Cordialmente, Marcelo Correia Ribeiro

jcp (José Carlos Pereira) disse...

As situações, apesar de tudo, não são iguais. PSL tinha à partida dois problemas sérios de legitimidade política que nunca conseguiu resolver – não fora a votos, nem no país nem no partido, e não lhe era reconhecia competência técnica e política para tratar dos assuntos do Estado. De facto, olhando para a sua longa carreira pública, qual era o legado de PSL? A sedução de certos círculos culturais, conseguida com a distribuição de apoios e galanteios? A recuperação de alguns equipamentos culturais, numa lógica populista e obreirista? A liderança inconsequente do Sporting, sob a tutela de José Roquette? As suas crónicas a metro no jornal “A Bola”? Um grupo de comunicação que rapidamente se esfumou? O oásis da praia da Figueira da Foz? A construção imobiliária na Figueira, com destaque para a acção de um empreiteiro que já trabalhara com as autarquias de Valongo, Gondomar e Marco de Canaveses? O processo do túnel do Marquês, em Lisboa? A recuperação frustrada do Parque Mayer? O casino de Frank Gehry? Os seus discursos inflamados nos congressos do PSD, que culminavam em estrondosas derrotas? Durante todo estes anos, onde explanou uma ideia estruturada sobre o país, a Europa e as grandes questões do nosso tempo? Todas as trapalhadas protagonizadas pelos membros do Governo ao longo destes quatro meses só vieram agravar as desconfianças e demonstrar que a dupla PSL/PP tratava do Estado com uma ligeireza incomportável.

Sócrates está a ser tomado como o contraponto de PSL, muito por culpa dos debates que travaram na RTP. Contudo, goste-se ou não do estilo, da pose e das suas exasperantes citações, tem que se lhe dar o crédito de seis anos de actuação como membro do governo, em que não teve medo de decidir e avançar, um pouco à revelia do “ar do tempo” guterrista. Na defesa do consumidor, contrariou a PT e as seguradoras, impondo-lhes a facturação detalhada e a actualização automática dos seguros automóveis. No desporto, ajudou a trazer o Euro 2004 para Portugal. No ambiente, enfrentou vários poderes, incluindo no seu próprio partido, mas decidiu sobre a co-incineração de resíduos sólidos (que Isaltino Morais meteu na gaveta). No ordenamento do território, lançou os programas Polis em várias cidades, que tinham como propósito revitalizar algumas das principais áreas urbanas do país.

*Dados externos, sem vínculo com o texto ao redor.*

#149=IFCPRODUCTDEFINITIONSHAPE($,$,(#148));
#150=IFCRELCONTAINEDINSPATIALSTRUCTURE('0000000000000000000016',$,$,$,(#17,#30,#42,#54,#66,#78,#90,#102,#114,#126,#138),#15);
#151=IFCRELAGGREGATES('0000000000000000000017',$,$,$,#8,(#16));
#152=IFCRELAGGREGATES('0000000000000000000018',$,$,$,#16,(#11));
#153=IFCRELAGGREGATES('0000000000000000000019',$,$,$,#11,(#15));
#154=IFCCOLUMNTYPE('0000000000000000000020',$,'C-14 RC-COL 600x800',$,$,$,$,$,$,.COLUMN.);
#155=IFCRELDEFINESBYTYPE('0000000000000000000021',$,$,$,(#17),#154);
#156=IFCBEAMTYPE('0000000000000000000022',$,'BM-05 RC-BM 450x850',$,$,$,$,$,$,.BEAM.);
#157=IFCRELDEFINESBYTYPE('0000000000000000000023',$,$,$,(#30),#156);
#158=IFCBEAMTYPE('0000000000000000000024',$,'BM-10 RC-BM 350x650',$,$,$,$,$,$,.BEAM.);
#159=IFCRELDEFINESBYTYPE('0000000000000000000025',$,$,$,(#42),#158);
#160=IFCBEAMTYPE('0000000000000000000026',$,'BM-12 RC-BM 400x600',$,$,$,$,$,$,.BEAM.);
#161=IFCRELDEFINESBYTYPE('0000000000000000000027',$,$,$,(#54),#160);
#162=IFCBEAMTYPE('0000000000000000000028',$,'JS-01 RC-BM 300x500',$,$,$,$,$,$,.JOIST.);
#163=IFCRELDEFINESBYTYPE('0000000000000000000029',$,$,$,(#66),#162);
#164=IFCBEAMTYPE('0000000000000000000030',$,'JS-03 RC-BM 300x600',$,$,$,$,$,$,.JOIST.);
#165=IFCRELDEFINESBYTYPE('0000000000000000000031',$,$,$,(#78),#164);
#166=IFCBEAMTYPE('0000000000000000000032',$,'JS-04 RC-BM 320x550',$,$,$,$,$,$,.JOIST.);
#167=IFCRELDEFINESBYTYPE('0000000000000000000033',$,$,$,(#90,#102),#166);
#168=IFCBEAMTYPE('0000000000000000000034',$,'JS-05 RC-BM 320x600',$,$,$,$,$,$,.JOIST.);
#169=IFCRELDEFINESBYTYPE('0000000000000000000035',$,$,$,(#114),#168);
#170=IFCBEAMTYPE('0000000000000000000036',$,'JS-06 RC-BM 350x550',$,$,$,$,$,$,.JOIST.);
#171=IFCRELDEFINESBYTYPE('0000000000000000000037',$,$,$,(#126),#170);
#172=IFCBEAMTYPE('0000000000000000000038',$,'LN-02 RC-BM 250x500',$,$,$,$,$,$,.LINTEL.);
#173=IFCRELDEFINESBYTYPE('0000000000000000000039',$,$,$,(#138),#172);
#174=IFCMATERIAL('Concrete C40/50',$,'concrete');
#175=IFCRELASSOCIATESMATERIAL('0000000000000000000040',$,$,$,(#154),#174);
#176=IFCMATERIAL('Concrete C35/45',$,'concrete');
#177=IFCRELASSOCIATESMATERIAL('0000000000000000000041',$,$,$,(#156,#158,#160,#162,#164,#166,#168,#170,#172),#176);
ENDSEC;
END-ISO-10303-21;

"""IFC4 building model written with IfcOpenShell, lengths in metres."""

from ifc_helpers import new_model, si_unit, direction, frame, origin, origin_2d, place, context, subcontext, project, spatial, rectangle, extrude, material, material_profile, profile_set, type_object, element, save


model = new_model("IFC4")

O problema maior de Sócrates será a companhia da “tralha” que há muito ocupa as bancadas socialistas do parlamento. Será que vai ser capaz de transmitir uma mensagem de frescura e de rejuvenescimento e, ao mesmo tempo, contruir uma solução coerente de governabilidade? Vamos ver. Uma coisa é certa para mim: ao contrário do que para aí se diz, nestas eleições não há vencedores antecipados.